Eames waits for him to finish the sentence, and now he has to come up with a plausible ending.

“Yeah.” Okay, so it isn’t plausible at all. It isn’t even coherent. But at least it fills the silence.

“Sorry?” says Eames.

Damn him. 

“Um, you want to get going?” Arthur says, because he needs some fresh air if he’s going to think his way out of this. But this is a French restaurant, so it takes five years to get the check, and it only takes him a few seconds to have the sickening realization, ‘When Eames finds out I’ve been stalking him, _I’m_ going to look like a child.’ 

He mentally tallies up all the people he pulled in for his little ‘research’ favors. None of them would deliberately say anything, but it would only take one accidental slip … 

He’ll have to tell him. 

He starts to wish he hadn’t had dessert, because now he feels nauseous. 
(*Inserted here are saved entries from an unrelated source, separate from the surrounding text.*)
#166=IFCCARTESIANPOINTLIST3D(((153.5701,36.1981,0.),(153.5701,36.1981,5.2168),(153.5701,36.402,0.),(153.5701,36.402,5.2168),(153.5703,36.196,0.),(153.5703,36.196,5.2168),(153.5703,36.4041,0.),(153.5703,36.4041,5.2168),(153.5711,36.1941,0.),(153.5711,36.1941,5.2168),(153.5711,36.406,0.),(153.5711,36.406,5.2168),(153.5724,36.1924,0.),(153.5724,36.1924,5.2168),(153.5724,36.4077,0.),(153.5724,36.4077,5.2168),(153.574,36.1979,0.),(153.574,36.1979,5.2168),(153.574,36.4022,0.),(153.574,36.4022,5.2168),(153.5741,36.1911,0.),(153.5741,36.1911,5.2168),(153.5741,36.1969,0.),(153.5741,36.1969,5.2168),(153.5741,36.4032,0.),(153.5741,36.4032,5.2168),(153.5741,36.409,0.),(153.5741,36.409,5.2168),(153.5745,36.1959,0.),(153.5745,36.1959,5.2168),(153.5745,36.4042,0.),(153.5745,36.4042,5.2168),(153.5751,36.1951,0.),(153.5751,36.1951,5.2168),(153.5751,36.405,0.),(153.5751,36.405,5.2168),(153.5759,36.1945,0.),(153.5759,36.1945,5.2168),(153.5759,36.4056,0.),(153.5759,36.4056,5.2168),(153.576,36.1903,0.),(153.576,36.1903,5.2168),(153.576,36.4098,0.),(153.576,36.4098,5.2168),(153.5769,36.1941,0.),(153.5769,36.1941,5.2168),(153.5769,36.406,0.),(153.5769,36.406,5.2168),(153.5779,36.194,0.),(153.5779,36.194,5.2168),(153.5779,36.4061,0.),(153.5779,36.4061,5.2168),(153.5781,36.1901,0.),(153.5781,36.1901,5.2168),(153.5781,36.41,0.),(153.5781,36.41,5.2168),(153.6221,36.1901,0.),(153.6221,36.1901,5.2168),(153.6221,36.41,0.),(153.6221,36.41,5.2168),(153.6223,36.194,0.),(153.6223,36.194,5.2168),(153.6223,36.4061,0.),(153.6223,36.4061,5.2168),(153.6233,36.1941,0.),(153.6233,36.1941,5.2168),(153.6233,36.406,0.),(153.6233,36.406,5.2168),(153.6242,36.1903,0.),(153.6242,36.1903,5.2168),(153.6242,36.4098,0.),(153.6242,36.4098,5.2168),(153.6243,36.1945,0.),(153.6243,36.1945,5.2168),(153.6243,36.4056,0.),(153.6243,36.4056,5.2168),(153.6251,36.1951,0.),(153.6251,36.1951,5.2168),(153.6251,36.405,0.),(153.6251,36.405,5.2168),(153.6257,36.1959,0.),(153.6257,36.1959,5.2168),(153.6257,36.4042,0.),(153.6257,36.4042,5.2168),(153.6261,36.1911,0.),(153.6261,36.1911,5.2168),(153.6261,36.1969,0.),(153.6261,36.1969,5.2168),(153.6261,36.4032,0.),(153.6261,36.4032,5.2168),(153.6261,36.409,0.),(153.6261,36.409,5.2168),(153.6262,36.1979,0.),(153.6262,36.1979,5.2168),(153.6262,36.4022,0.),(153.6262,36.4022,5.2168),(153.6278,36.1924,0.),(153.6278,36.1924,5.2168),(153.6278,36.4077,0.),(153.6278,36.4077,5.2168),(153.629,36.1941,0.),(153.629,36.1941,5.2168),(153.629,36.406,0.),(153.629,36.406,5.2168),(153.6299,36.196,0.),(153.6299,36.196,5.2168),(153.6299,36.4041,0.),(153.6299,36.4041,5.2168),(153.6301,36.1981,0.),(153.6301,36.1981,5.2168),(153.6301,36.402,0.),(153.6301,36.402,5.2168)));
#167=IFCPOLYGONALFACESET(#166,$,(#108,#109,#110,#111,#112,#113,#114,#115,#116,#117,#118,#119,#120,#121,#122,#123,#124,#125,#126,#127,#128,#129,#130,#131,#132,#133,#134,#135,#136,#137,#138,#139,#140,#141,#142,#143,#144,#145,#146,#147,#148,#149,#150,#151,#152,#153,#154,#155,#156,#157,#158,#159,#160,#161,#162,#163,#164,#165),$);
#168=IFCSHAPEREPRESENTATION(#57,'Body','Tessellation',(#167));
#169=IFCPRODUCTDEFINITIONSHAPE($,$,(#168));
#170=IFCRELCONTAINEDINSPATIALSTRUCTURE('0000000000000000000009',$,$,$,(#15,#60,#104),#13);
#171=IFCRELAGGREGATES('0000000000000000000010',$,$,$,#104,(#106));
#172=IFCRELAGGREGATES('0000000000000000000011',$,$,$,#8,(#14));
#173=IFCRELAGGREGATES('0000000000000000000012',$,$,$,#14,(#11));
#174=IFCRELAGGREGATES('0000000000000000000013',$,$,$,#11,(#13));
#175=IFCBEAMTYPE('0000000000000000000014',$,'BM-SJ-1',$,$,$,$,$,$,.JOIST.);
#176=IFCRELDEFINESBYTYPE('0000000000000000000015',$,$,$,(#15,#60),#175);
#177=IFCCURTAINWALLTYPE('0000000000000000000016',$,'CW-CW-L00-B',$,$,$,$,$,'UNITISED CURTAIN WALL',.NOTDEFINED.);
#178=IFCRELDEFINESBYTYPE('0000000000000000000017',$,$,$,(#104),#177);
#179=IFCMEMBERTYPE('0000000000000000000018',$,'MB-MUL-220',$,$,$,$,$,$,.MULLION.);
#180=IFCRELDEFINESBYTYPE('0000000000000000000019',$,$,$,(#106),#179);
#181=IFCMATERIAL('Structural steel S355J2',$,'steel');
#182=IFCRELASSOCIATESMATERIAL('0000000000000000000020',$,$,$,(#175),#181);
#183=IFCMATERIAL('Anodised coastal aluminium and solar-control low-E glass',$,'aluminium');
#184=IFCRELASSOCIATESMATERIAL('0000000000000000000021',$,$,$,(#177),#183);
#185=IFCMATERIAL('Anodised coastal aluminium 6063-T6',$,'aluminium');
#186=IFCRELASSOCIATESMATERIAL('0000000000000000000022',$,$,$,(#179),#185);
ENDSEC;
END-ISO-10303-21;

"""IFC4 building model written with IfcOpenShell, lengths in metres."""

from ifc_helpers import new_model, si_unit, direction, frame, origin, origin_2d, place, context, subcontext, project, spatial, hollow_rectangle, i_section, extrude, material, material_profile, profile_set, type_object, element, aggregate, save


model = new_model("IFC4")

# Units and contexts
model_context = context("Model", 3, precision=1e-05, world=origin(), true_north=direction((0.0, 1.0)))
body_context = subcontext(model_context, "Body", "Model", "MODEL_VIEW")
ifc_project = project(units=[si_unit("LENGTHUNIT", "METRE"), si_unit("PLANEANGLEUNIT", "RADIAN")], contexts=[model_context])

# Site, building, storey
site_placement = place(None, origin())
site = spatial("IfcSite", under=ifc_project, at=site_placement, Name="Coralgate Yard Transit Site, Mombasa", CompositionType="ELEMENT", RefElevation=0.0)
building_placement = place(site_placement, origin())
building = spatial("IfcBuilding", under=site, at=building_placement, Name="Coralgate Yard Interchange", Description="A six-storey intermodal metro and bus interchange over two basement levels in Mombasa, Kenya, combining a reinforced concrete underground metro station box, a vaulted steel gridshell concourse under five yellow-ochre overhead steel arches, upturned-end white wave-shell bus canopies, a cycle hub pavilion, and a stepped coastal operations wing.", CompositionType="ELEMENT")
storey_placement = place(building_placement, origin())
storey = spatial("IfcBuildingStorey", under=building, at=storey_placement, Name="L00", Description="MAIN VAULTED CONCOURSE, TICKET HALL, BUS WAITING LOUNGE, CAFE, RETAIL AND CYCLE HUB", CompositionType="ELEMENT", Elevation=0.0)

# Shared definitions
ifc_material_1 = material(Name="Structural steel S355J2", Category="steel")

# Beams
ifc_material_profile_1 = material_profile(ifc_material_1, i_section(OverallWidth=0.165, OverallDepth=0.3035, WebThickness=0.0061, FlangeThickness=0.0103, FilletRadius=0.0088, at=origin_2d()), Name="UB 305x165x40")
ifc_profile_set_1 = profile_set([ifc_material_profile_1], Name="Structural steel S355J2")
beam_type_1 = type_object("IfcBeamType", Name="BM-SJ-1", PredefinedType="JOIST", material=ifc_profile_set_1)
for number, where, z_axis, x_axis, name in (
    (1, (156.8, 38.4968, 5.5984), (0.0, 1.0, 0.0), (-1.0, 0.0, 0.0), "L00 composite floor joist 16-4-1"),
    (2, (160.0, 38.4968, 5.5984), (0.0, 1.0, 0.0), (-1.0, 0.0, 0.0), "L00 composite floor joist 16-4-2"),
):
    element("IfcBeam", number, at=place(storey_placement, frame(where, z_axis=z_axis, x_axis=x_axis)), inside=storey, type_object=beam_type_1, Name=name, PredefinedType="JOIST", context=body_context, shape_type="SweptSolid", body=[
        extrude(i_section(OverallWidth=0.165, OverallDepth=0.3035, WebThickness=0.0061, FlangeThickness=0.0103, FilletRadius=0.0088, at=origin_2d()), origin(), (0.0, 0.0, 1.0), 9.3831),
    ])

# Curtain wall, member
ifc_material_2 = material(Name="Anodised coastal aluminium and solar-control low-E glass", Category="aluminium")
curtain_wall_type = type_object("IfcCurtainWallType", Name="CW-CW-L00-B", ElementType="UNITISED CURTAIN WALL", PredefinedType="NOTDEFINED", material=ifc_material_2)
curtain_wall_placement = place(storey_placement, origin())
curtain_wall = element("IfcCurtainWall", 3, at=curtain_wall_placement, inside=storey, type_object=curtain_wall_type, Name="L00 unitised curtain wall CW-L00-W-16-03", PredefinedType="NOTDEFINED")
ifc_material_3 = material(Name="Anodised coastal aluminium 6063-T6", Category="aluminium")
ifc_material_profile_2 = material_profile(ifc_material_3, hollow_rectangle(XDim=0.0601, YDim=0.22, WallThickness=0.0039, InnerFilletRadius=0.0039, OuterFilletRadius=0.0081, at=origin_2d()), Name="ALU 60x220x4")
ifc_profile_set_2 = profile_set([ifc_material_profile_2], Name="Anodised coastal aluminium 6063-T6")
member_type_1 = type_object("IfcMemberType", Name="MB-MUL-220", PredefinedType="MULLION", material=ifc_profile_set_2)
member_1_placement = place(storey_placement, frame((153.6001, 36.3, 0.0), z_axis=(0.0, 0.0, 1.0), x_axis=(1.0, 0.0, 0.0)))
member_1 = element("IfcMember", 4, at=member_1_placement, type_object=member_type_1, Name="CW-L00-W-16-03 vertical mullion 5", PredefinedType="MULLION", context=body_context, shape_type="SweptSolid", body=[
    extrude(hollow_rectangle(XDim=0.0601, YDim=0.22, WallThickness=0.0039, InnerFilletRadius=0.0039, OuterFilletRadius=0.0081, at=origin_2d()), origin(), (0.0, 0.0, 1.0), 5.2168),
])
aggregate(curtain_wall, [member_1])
On their walk back, he avoids the Seine. He’s half-worried Eames will push him into it when he finds out. 

Best to get it out in the open though, right? If Eames flies off the handle, maybe that’s a good reason not to be in a relationship with him. After all, it was more ‘intel gathering’ than ‘stalking.’ He, of all people, should be able to understand that. Purely professional reasons. Keeping tabs on his colleagues in the industry. (He doesn’t have to mention how _closely_ he was keeping tabs, necessarily.) 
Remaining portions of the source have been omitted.